Nada - so day two ensued, and I made hundreds of phone calls to rescue centers, the police, the power company, the animal shelters, the city offices, veterinarians, etc. I think everyone in three states heard about Franklin's predicament, and thanks to Facebook even more people were trying to help.
Finally, a tree trimming service called one of their climbers and he showed up to help. He brought ropes and clamps and such (and sheer bravery). By this time the story had made it onto the news services, and that's WBOY's Mike Krafcik filming the climber getting ready to go after Franklin. The Dominion Post also sent a reporter and photographer - it was quite the show when it all came together.
This is Mike the tree climber going up the tree to where Franklin is - clear at the TOP, and it's freezing outside.
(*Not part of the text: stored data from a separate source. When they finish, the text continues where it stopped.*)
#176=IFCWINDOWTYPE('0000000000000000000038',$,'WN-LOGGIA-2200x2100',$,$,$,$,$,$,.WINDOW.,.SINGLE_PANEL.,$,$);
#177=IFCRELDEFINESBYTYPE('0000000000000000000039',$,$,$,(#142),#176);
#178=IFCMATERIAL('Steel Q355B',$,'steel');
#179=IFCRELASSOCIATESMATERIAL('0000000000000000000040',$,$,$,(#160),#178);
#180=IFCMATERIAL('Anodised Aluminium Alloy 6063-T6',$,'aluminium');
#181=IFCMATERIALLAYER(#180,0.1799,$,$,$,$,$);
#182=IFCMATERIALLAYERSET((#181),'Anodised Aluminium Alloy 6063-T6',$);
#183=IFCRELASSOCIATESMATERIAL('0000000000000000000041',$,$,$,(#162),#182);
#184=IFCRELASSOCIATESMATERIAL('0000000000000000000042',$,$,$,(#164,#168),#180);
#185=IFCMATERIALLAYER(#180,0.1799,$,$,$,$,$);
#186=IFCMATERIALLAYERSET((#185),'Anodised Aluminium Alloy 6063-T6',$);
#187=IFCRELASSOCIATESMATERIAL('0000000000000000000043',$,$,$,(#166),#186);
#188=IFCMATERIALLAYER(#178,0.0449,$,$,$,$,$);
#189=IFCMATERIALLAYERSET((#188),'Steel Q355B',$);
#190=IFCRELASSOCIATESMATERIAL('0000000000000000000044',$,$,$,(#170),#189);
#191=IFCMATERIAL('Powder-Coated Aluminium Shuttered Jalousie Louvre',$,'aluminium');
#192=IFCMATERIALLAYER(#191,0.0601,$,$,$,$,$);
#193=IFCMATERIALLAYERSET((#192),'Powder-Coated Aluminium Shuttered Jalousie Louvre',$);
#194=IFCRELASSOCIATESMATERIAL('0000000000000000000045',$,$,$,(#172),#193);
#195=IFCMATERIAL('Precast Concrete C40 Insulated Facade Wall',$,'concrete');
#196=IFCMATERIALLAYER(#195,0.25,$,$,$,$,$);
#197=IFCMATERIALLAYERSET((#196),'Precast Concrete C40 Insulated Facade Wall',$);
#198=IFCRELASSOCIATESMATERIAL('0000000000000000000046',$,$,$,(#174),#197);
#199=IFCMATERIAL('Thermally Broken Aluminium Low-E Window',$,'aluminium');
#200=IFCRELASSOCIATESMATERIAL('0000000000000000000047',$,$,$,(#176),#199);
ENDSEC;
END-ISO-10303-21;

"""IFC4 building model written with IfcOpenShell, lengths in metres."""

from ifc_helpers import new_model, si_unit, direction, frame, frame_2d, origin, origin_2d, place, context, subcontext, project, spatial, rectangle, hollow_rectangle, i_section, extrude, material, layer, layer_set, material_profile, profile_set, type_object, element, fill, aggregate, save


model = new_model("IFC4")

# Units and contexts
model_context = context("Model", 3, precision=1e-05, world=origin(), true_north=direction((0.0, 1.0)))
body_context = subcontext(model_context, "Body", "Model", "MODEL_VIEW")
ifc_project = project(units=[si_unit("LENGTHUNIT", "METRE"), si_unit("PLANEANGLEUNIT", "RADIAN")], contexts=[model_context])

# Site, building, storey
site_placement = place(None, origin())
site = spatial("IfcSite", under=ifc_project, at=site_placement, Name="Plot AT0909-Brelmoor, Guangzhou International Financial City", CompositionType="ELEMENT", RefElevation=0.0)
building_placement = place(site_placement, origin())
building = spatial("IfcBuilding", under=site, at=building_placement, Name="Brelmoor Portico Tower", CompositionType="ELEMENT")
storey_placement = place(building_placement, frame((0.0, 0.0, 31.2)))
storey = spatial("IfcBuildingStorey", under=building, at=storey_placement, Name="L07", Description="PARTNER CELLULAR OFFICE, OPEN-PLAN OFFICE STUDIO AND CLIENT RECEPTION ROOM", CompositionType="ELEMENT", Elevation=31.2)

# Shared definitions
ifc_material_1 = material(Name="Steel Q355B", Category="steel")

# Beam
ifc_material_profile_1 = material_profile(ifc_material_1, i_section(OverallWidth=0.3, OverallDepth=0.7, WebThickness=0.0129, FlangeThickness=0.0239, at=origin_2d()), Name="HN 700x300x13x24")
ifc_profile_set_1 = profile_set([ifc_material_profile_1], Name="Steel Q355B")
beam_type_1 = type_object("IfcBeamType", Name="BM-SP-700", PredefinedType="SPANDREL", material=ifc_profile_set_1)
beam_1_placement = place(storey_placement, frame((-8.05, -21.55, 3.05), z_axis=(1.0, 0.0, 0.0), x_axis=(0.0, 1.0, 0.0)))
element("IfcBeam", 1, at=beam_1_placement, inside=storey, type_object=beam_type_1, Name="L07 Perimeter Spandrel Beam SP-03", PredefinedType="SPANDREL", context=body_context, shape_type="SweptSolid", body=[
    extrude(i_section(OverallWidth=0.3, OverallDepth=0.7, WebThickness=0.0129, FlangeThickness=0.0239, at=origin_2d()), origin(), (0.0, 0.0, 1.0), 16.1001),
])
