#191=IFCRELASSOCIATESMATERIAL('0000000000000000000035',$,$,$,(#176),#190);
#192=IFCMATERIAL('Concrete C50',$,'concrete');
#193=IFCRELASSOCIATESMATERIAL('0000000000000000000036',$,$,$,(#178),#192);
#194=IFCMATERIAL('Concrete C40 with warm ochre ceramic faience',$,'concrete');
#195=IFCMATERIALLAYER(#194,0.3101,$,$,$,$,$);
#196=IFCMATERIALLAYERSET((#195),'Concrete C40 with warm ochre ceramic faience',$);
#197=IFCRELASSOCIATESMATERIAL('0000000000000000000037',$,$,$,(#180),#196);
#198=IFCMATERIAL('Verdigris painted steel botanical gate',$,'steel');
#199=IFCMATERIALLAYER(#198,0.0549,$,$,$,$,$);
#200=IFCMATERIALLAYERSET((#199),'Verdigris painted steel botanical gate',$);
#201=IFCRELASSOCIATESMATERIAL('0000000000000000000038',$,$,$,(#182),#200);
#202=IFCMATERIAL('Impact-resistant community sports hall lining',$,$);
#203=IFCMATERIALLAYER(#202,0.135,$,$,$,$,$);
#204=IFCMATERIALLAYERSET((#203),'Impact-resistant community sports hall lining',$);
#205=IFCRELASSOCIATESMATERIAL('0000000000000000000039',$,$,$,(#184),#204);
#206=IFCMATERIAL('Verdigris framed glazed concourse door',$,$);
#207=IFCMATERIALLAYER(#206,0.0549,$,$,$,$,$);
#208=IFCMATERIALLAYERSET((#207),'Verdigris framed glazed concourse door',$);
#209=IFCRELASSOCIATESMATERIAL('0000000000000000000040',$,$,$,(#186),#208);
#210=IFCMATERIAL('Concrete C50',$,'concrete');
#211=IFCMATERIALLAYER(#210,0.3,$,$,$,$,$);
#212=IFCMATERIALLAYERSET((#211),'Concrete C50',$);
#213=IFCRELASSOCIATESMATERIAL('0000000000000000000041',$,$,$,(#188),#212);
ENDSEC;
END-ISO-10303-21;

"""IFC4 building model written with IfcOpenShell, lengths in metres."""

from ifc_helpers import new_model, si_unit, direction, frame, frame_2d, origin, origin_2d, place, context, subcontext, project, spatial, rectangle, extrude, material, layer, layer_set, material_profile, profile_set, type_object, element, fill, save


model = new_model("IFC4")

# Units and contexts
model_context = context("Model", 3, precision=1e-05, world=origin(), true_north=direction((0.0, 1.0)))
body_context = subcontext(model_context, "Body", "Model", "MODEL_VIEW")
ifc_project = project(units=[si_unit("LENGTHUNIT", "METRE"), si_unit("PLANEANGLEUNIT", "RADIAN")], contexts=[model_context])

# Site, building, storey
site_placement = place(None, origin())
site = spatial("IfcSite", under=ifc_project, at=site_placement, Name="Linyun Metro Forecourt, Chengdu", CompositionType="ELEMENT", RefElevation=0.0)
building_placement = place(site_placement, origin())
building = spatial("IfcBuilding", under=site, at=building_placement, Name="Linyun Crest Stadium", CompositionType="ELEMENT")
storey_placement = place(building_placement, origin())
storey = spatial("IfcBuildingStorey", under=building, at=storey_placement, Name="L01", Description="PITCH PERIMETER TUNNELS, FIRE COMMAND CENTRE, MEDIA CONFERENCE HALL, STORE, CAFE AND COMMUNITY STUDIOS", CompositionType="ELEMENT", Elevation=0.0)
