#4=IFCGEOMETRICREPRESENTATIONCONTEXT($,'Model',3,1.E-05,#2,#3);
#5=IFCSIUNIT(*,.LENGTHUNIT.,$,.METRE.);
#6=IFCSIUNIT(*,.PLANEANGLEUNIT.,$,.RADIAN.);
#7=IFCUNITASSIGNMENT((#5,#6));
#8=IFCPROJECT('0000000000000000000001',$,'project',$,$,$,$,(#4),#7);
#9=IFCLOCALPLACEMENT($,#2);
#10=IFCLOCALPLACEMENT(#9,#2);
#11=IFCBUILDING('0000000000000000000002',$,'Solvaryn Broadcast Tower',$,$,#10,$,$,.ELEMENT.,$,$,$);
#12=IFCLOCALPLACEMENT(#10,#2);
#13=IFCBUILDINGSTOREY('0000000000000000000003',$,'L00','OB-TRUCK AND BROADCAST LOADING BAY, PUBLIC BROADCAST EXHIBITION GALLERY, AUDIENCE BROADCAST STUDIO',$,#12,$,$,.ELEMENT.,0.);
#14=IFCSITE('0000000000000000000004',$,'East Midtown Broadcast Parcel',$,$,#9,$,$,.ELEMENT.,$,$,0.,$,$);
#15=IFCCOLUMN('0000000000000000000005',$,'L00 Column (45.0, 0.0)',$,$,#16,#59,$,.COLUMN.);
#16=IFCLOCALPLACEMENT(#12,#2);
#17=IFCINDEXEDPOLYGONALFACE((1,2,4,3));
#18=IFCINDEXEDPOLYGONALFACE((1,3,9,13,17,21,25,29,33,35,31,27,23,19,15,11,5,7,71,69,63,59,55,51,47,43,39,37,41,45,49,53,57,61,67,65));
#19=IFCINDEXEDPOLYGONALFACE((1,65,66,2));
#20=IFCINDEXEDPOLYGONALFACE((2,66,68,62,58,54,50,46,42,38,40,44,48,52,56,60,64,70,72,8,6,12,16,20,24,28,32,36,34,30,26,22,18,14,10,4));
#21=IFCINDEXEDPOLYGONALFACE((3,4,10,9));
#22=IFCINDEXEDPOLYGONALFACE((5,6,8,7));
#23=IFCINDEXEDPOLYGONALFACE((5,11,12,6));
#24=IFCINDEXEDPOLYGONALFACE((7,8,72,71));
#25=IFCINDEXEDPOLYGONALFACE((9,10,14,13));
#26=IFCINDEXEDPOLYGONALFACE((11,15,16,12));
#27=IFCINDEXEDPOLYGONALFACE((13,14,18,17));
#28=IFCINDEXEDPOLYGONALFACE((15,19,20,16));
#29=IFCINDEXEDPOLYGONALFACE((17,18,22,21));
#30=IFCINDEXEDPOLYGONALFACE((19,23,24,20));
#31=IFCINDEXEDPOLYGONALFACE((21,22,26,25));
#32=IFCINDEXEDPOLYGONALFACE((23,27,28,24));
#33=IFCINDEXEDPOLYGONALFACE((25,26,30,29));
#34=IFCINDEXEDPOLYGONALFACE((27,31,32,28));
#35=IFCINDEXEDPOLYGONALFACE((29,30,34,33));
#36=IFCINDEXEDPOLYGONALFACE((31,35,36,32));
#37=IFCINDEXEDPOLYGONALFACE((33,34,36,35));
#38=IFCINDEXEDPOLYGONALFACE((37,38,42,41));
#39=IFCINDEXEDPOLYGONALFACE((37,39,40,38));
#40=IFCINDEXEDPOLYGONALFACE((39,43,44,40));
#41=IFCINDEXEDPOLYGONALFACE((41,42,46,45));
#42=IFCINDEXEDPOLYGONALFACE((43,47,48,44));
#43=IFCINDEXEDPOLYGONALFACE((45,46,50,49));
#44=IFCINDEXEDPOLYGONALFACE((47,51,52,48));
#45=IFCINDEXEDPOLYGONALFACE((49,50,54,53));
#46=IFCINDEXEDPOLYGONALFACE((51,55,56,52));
The wind was blowing and it was snowing, so this was all very stressful and intense.

Do you see those two little glowing eyes at the top? That's Franklin. He's sitting in the very top of the tree, where it was nearly impossible to reach him. He's back home safe and sound, though, thanks to everyone who tried and came through.
It was a real show of humanity, really. I learned just how many good people there are out there who are willing to help out when the chips are down. And some people were just mean - saying it was only a cat - but he is MY CAT. As he was being rescued, and even after, there were still people who had seen it posted Facebook stopping by the house to make sure Franklin was okay.
And no one is more relieved than myself.
Franklin is now grounded, until the big oak tree gets fitted with cat-proofing. I'm not going to get him declawed, that's just cruel. And the idea is to put something like metal flashing around the tree trunk so his claws can't get a hold. Keep your fingers (and paws) crossed that this will work.